Valuation – The reverse

When the Bitcoin software first was made available there wasn’t much activity in the network. The first blocks were mostly mined by Satoshi Nakamoto’s computer. It is assumed that Nakamoto might hold the access key to 1,125,150 Bitcoins [8]. However, since no coin was ever moved from the addresses that are attributed to Nakamoto, those are usually considered to be lost [9], either by accident or on purpose. Nakamoto went in complete radio silence in 2013, but if he were to return and decided to sell the coins, or someone else obtained access to its keys, this could impact the price of Bitcoin negatively because of excess supply.

But Nakamoto’s stash is not the only way to cause such an effect. In 2010, while Nakamoto was still actively maintaining the Bitcoin code, a bug was exploited that enabled billions of Bitcoins to be minted in one block. This was quickly noticed by vigilant users, and the code was updated. The blockchain was corrected by banning the irregular block, a process that would later be known as a soft fork [10]. This possibility of changes in the code challenges the characteristic of immutability that many interpret as an advantage of blockchain technology. Although chain splits and forks are part of the decentralized structure of the network and exist even in a healthy environment, some code modifications may come as part of a strategy to obtain control or manipulate the network.

Graph of bitcoins issued per block and year. Photo
Figure 4. Bitcoins issued per block and year, and the rate of emission over the total supply (labeled as inflation rate). At each 210 thousand blocks the rate of emission is halved. Source: https://www.bitcoinblockhalf.com/

In 2017 after an intense debate of how to scale the network to allow for more transactions, a group of miners used their political power to sway a significant part of the network participants to update their clients with modifications that effectively created a segmentation of the network. A new currency was created which would develop a value of its own. The objective of the move was to remove the control of the code from the hands of the current developers and centralize the power in a single business group, but it was not successful in convincing the majority of users, as they remained with the previous chain, which therefore kept most of its original value.

This process illustrates how easy it is to create a copy of Bitcoin and the vast number of similar cryptocurrencies are currently a problem.

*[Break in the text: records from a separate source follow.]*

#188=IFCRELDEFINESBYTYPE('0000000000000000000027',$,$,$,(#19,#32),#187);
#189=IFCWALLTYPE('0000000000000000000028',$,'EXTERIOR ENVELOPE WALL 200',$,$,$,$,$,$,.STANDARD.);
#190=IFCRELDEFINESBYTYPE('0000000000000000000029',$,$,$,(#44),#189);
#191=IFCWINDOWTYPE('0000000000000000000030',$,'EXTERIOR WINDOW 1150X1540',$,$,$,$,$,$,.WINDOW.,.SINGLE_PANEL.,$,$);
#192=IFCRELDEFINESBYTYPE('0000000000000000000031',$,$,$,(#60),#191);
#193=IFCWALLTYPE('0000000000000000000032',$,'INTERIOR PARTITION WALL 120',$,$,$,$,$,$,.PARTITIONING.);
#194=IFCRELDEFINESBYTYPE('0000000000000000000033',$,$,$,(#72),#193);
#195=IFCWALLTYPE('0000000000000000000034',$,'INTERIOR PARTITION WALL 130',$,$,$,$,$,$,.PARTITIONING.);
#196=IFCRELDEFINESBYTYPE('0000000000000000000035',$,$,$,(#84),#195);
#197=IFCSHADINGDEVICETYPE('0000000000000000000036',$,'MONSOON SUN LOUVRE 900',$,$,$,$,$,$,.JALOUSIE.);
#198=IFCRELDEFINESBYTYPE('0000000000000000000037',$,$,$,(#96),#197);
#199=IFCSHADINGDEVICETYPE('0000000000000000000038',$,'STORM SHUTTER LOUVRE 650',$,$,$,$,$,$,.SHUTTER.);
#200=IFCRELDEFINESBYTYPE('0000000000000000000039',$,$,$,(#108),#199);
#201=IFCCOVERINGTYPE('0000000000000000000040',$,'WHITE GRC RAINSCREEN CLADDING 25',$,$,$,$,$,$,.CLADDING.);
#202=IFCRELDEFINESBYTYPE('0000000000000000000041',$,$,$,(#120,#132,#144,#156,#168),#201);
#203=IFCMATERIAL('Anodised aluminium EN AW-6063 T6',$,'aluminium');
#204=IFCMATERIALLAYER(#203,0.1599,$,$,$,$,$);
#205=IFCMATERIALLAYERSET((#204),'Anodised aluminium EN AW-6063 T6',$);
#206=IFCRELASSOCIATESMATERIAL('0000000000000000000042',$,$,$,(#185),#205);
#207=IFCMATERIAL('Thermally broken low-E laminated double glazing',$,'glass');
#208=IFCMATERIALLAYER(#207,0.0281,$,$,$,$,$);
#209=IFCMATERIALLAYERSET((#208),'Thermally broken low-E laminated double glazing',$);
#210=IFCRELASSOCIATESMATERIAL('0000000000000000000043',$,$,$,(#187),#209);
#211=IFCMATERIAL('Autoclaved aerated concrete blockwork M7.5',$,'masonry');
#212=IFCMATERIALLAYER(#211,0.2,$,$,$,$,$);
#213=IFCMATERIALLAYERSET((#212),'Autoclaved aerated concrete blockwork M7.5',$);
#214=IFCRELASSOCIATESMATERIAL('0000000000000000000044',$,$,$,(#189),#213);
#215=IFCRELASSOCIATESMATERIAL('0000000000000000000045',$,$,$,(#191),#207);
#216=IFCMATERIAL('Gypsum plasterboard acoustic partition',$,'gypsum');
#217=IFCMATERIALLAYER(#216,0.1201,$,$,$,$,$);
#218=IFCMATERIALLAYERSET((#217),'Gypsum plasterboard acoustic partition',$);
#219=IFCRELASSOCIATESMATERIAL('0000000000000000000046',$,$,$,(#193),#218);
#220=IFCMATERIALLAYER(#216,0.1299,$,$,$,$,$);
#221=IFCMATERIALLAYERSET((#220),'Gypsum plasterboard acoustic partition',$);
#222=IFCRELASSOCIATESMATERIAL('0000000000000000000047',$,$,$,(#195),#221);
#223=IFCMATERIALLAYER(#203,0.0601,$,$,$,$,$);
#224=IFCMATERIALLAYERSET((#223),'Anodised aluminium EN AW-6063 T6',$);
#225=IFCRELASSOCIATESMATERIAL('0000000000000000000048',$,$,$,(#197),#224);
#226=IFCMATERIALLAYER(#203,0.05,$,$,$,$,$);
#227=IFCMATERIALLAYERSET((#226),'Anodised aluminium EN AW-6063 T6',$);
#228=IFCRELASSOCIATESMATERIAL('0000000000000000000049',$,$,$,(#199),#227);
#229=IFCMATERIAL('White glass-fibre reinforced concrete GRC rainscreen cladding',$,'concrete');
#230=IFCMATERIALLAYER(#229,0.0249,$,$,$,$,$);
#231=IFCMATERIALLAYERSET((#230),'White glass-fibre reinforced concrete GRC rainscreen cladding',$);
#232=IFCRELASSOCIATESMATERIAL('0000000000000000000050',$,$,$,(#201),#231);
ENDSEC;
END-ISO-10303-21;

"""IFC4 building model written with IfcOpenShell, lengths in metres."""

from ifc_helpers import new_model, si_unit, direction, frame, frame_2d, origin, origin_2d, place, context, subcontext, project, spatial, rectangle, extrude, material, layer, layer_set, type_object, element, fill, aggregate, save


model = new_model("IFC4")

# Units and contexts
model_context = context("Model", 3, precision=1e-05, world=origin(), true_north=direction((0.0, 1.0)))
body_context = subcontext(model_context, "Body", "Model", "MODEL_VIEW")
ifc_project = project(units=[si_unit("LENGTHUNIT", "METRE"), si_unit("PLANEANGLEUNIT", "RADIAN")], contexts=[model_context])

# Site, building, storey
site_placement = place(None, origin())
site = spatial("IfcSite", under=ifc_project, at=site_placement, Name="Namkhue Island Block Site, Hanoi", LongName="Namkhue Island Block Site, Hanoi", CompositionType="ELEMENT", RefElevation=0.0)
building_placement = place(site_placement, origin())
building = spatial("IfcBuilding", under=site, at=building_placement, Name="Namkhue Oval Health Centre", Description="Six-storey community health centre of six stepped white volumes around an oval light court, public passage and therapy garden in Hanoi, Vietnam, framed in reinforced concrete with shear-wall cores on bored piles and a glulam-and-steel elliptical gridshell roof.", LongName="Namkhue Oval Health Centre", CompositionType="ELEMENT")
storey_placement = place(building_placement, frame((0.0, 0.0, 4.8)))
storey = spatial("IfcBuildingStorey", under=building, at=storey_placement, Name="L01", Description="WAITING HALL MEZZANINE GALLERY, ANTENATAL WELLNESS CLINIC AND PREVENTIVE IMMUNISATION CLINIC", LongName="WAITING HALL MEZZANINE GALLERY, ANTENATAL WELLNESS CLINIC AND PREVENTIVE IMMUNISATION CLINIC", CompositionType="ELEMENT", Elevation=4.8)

Bitcoin’s original code was intentionally open source, to align with the motto “don’t trust, verify”, which would become a very important principle of the blockchain community and one of the few distinguishable factors of good projects from bad projects. On the other hand, the open-source code allowed anyone to copy it and launch similar projects. Some projects caught niche attention or changed some characteristics in a manner that pleased some specific group of people. For a while, those copies were a breeding ground for innovation (some still are) and for testing new technologies that would later be adopted by Bitcoin itself.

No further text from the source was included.